3. Muncul kontraksi palsu

Bersiaplah untuk mengalami kontraksi beberapa kali selama hamil trimester 3. Kontraksi yang terjadi lebih dari sekali tersebut biasanya palsu bukan kontraksi tanda melahirkan nyata, meski gejala dan rasanya hampir sama.

Memang tidak semua wanita akan mengalami kontraksi palsu ini, tetapi bukan tidak mungkin hal ini bisa terjadi pada Anda. Beberapa hal yang membedakan kontraksi palsu dengan kontraksi sebenarnya:

  • Kontraksi palsu biasanya tidak sesakit kontraksi saat ingin melahirkan
  • Tidak terjadi dalam interval waktu yang rutin
  • Bisa dihilangkan dengan berhenti melakukan aktivitas atau mengubah posisi duduk atau tidur.
  • Tidak terjadi dalam waktu yang lama
  • Semakin sering terjadi maka rasa sakitnya akan berkurang

4. Napas jadi lebih pendek

Janin yang semakin tumbuh besar pada trimester akhir akan secara otomatis mendorong rahim.

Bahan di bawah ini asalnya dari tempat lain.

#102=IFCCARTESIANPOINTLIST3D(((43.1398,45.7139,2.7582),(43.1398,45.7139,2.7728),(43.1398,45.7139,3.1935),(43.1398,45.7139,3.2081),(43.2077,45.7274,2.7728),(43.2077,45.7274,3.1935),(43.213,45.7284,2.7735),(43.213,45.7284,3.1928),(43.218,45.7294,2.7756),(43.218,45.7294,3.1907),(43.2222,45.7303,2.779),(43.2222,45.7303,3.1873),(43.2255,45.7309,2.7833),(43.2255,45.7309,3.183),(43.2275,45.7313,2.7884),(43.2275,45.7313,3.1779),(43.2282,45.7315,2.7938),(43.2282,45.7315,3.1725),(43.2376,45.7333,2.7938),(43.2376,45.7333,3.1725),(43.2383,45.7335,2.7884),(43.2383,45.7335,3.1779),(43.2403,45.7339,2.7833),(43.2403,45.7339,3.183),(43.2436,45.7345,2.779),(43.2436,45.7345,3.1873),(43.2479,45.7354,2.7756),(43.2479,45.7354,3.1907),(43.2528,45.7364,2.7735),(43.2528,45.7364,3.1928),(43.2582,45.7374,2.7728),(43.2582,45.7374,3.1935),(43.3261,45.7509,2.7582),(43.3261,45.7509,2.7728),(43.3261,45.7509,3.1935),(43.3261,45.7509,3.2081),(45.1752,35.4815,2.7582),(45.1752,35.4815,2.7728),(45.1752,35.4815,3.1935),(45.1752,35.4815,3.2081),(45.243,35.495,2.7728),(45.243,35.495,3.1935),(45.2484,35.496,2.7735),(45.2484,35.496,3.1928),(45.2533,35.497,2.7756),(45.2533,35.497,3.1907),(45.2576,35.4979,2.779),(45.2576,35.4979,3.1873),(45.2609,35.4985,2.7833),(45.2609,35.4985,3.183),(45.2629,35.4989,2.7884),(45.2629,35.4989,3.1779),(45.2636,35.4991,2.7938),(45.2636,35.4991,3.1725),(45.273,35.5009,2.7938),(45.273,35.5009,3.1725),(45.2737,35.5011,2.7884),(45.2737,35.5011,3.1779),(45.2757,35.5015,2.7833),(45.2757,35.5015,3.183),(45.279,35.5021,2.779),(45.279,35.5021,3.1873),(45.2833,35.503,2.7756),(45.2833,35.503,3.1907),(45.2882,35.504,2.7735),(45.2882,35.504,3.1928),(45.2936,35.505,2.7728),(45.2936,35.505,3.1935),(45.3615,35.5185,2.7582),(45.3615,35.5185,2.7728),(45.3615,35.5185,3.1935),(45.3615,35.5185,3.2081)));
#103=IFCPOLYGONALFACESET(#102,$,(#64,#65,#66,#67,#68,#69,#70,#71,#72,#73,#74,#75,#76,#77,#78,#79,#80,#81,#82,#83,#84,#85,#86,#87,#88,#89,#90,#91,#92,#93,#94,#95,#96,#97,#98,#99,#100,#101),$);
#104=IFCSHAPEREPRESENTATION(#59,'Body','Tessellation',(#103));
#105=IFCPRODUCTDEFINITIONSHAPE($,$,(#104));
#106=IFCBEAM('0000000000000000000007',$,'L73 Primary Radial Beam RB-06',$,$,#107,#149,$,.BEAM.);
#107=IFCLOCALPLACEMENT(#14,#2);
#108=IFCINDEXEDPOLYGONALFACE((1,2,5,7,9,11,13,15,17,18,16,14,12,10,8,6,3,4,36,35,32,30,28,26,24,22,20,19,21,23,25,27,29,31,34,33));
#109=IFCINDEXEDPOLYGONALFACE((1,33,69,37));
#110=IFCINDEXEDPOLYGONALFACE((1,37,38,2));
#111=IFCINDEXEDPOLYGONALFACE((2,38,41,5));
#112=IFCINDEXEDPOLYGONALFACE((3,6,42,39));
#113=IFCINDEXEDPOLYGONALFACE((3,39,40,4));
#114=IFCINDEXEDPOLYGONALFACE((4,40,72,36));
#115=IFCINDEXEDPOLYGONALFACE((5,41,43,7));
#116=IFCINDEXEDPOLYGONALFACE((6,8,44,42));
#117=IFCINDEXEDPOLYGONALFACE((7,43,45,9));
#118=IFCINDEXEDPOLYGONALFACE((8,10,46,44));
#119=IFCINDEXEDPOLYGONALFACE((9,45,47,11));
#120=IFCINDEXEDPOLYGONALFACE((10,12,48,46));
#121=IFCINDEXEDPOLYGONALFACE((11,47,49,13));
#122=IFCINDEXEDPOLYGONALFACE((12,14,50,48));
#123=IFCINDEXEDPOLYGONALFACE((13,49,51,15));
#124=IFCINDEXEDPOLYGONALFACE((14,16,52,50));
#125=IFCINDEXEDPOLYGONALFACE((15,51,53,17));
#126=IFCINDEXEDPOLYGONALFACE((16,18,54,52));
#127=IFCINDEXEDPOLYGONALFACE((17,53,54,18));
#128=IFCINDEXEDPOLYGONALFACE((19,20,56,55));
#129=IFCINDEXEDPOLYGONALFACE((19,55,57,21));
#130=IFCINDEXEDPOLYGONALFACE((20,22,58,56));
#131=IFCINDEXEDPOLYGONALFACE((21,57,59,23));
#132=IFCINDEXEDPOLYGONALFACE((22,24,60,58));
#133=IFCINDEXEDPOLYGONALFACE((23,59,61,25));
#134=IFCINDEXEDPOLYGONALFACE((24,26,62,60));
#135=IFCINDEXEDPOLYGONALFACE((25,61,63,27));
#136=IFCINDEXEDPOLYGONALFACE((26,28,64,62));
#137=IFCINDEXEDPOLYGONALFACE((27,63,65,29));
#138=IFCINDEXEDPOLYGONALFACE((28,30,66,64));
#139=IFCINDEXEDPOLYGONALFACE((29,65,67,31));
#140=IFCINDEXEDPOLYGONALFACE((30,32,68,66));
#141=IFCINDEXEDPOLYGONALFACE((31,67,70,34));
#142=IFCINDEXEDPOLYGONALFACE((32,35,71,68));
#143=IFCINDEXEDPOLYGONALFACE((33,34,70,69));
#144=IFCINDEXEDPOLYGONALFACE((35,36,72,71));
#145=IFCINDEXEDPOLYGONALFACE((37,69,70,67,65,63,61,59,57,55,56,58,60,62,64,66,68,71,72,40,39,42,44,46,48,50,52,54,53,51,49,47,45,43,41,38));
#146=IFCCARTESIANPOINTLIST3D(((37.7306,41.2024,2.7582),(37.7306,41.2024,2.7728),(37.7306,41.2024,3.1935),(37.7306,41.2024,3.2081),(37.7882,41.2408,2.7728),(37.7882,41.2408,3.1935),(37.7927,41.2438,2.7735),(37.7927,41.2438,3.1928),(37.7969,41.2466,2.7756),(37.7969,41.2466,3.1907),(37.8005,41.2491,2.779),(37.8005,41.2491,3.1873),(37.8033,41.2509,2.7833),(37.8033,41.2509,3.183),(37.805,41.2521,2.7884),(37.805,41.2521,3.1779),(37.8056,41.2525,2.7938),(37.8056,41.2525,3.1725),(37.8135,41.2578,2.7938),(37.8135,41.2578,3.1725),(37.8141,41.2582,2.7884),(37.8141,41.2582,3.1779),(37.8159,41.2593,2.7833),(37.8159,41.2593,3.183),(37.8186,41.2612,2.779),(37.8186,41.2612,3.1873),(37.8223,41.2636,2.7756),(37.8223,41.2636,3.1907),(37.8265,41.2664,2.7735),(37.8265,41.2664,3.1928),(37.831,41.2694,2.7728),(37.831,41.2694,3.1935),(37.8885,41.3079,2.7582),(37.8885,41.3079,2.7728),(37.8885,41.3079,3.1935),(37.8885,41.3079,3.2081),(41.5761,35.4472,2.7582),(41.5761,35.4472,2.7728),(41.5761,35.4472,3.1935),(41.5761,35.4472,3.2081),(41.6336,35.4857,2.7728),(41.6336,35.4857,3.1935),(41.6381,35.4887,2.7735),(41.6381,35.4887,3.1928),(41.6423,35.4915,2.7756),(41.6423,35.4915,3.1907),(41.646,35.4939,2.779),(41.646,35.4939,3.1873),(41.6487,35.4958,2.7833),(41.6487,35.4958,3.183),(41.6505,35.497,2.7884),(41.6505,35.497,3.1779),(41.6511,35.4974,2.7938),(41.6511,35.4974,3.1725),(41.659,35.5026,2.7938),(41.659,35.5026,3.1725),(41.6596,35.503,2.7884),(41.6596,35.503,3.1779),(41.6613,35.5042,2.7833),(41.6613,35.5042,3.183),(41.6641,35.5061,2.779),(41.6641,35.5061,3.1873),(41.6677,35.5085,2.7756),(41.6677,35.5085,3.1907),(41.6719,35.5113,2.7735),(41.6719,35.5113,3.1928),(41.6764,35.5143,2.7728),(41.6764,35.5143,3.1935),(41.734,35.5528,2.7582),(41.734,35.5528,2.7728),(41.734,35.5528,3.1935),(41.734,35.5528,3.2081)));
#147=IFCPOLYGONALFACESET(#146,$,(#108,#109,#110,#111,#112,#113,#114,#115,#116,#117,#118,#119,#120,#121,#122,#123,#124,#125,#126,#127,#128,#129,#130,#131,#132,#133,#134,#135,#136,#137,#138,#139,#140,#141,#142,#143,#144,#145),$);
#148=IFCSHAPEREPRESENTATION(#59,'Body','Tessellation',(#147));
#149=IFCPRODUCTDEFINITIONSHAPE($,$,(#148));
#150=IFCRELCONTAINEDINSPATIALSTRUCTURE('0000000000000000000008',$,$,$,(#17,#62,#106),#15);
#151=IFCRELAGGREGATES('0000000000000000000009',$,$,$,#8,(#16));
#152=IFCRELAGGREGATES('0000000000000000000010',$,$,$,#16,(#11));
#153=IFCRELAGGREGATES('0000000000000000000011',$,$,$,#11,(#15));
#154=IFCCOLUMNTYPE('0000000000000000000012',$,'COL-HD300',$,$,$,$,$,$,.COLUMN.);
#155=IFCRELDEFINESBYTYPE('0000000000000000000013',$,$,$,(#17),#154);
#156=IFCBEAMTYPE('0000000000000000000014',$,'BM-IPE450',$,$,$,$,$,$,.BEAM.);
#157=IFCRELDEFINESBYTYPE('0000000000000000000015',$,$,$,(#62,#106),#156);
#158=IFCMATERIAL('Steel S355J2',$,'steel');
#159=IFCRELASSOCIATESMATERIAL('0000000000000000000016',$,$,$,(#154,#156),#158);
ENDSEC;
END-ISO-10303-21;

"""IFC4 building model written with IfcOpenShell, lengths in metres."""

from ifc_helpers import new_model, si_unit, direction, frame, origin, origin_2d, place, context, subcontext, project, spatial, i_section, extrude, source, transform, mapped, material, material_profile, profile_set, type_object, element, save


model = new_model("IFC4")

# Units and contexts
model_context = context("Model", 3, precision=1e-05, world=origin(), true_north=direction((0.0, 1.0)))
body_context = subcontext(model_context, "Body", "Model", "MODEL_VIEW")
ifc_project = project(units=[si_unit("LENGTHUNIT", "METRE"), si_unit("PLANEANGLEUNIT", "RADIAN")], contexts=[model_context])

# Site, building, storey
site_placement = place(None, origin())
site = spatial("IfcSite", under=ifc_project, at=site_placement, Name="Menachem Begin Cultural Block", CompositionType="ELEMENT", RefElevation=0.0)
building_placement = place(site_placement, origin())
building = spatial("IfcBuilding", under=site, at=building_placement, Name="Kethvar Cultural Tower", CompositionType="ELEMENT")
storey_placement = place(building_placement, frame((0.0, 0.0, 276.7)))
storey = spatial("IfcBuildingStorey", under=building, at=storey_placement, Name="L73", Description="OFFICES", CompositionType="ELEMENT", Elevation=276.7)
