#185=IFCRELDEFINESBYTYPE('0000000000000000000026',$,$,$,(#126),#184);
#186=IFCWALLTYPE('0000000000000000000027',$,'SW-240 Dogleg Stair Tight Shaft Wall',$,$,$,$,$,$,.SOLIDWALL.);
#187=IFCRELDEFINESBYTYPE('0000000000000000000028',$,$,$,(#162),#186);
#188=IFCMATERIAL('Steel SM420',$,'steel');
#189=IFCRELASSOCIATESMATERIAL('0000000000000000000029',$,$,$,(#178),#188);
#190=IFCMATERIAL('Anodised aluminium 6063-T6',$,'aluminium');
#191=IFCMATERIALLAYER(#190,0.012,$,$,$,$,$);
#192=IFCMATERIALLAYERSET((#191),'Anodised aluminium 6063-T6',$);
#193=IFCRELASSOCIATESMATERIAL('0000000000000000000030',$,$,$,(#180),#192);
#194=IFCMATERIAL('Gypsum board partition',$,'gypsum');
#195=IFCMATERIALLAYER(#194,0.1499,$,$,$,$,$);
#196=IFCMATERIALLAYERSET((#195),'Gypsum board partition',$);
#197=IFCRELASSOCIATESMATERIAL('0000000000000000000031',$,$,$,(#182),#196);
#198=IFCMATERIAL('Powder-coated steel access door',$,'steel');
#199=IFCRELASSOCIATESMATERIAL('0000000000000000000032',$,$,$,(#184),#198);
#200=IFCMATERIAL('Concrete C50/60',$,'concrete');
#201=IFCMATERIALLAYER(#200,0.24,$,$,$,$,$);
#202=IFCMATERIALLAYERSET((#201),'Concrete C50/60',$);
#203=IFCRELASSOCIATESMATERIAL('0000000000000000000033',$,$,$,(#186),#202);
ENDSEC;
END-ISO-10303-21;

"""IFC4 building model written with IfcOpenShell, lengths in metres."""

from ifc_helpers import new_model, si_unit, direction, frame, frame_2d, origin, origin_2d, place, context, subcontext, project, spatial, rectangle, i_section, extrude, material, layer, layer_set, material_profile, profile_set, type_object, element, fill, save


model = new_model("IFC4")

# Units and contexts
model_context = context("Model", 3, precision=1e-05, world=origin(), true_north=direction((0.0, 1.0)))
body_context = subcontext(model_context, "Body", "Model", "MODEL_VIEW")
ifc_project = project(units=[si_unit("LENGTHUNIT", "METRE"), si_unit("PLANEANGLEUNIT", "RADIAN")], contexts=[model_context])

Diafragma (otot di bawah paru-paru yang membantu proses pengambilan udara) juga bergerak naik sekitar 4 cm dari posisi sebelum hamil. Ruang udara di dalam paru-paru juga dikompres. Semua hal ini mengakibatkan Anda tidak dapat mengambil terlalu banyak udara dalam satu tarikan napas.

5. Merasakan panas perut

Salah satu akibat dari perubahan hormon saat hamil trimester 3 adalah gejala heartburn alias panas perut. Sensasi panas atau heartburn ini muncul ketika asam lambung naik ke kerongkongan.

Pada ibu hamil, hormon progesteron akan melemaskan katup yang memisahkan antara kerongkongan dengan lambung, sehingga asam lambung dapat naik. Selain itu, hormon ini juga memperlambat kontraksi di dalam usus, jadi pencernaan menjadi lebih lambat.  

6. Bengkak di beberapa bagian tubuh

Selama kehamilan, tubuh menghasilkan darah 50% lebih banyak dibandingkan pada kondisi normal. hal ini tentu saja untuk menunjang bayi yang sedang ada di dalam kandung ibu. Semakin besarnya perut ibu, maka akan membuat pembuluh darah yang ada di sekitar rahim tertekan.

Tekanan ini membuat aliran darah menjadi lebih lambat dan menyebabkan penumpukan cairan di beberapa bagian tubuh. Bagian tubuh yang paling sering mengalami pembengkakan adalah pergelangan kaki dan sekitarnya.  

7. Sering buang air kecil

Ukuran rahim yang membesar juga bisa membuat kandung kemih – organ tubuh yang menampung urin sebelum dikeluarkan – tertekan. Posisi janin yang sudah bergerak ke arah panggul membuat kandung kemih semakin tertekan.

Tekanan pada kandung kemih merangsang Anda untuk lebih sering buang air kecil. Apalagi saat Anda tertawa, batuk, atau bersin, urin bisa saja keluar tiba-tiba karena ada tekanan tambahan dari aktivitas yang Anda lakukan saat itu.

8. Timbul ambeien dan varises di kaki

Ambeien atau wasir terjadi jika pembuluh darah yang ada di sekitar dubur yang mengalami pembengkakan. Sedangkan varises juga merupakan pembengkakan pembuluh darah, tapi dalam hal ini terjadi pada pembuluh darah kaki.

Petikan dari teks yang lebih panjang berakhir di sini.